April 15, 2008

An interesting commute

There was apparently a lunatic on the train this morning. I didn't see him, but I heard him. I get on at the end of the line and board the very first car, which becomes the very last when the train pulls out of the station. I always get on at the middle doors and sit facing the direction the train will be going as it heads towards the city. Because it's the first/last station, there are usually only a handful of people in the car until we get to the next stop. So, this morning, I could clearly hear him behind me, at the farthest end of the train, a single voice muttering, growling, occasionally raising in volume to repeat one sentence over and over.

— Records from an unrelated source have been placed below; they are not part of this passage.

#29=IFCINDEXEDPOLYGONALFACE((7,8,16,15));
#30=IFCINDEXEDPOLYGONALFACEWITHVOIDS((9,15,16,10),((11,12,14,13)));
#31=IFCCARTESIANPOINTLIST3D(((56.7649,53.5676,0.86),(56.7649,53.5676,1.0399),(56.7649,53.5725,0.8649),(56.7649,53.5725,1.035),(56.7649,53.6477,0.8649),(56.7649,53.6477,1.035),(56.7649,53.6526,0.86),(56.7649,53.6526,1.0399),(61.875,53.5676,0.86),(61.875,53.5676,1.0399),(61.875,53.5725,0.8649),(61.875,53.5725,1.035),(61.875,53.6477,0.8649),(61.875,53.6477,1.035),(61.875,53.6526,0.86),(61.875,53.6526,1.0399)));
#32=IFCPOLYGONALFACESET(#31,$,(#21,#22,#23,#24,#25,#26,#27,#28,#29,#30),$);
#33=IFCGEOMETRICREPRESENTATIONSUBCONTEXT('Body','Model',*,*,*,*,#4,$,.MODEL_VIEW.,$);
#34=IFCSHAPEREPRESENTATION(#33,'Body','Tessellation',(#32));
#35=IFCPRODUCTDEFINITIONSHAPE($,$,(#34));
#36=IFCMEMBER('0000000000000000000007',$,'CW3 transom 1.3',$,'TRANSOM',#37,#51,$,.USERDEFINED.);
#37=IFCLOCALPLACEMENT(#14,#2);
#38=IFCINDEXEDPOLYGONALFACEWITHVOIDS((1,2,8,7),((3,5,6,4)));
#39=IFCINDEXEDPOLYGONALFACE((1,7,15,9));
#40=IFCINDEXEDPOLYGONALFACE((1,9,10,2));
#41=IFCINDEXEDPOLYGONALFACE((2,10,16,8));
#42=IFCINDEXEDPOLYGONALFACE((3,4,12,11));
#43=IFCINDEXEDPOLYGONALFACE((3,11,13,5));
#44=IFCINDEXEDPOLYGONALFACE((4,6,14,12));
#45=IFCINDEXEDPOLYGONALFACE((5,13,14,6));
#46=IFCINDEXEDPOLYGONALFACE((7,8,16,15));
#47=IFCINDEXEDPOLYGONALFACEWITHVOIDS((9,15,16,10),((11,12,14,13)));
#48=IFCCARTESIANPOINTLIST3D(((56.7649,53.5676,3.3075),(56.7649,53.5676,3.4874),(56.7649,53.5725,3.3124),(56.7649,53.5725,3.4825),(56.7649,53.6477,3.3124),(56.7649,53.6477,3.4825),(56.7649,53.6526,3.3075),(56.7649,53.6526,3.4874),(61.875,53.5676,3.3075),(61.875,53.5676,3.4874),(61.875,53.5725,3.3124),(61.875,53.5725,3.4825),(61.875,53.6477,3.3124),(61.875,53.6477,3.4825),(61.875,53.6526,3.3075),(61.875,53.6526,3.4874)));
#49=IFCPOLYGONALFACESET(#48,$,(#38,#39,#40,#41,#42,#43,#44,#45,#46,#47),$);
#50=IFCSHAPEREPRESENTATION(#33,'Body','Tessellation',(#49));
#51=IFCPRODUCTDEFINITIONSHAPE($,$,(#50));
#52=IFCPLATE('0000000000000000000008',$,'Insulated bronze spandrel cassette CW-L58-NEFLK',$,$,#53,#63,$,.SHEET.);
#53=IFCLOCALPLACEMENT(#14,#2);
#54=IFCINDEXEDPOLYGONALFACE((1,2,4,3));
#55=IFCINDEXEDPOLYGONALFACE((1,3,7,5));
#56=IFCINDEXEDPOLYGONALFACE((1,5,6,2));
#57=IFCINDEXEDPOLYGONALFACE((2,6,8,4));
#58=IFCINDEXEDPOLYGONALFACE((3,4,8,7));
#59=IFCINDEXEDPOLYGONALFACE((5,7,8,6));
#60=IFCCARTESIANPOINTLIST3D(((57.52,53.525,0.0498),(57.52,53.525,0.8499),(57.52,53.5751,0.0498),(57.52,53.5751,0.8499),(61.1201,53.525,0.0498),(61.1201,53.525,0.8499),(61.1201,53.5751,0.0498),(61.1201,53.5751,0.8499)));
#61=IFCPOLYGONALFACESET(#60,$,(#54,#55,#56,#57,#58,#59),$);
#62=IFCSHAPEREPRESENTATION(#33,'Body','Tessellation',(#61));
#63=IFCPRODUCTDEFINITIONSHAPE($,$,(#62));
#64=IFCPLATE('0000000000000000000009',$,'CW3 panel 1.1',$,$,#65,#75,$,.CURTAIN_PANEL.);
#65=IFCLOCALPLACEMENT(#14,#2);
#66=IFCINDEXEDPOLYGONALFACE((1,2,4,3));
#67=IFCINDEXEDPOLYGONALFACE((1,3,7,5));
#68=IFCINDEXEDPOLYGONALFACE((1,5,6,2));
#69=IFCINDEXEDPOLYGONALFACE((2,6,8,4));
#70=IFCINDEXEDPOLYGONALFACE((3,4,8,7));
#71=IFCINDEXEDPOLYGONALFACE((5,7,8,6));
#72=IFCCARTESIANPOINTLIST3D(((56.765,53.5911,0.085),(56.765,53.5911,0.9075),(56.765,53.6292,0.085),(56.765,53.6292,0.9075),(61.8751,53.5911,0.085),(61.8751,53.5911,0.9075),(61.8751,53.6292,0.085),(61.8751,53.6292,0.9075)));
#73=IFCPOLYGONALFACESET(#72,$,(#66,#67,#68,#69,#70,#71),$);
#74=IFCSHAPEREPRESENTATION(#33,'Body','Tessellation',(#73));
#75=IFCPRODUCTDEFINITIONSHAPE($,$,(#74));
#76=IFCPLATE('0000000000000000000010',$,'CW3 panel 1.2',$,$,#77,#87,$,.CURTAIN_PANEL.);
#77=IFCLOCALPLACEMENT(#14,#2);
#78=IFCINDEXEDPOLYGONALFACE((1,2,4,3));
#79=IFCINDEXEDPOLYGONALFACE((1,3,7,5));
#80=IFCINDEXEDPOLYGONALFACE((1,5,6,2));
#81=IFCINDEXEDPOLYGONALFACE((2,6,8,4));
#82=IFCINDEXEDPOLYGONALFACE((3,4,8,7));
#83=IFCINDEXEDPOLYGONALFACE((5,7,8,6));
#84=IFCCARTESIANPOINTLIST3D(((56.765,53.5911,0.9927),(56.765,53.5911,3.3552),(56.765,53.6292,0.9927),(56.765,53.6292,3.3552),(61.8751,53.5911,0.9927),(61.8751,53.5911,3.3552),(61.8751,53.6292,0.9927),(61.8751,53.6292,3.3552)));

Homeless folk often accumulate enough change to buy a subway fare, and then take the train out to the suburbs. Sometimes they get off at my stop and I see the same people on street corners near home that I've seen on street corners near work. Other times, they curl up to sleep and just ride the train back and forth along its route. The ones who don't sleep are often very vocal. I remember one woman once who entertained the morning commuters with songs from My Fair Lady and a story about how she and her sister learned to play those songs on the piano as children. I listened to those songs and that story probably ten times in the course of my 40 minute ride that day. What is it about repetition that so appeals to the insane?

When I heard the guy this morning, I briefly considered getting off and waiting for the next train, but I didn't. I stayed in my seat, exploring my varying sensations of revulsion and fascination and wondering just what there was in me that inspired each.

At each station, the train filled up with more passengers. Within a half-dozen stops, other voices had drowned out the babbling lunatic one, and I wondered about the reactions of the people boarding that far end. Were they repulsed, compassionate, embarassed, apathetic? How many of them wondered who he was and what might have brought him to this state of being?

I wish now that I had turned around and gotten a look at the guy, so that I could watch for him on the street corners downtown.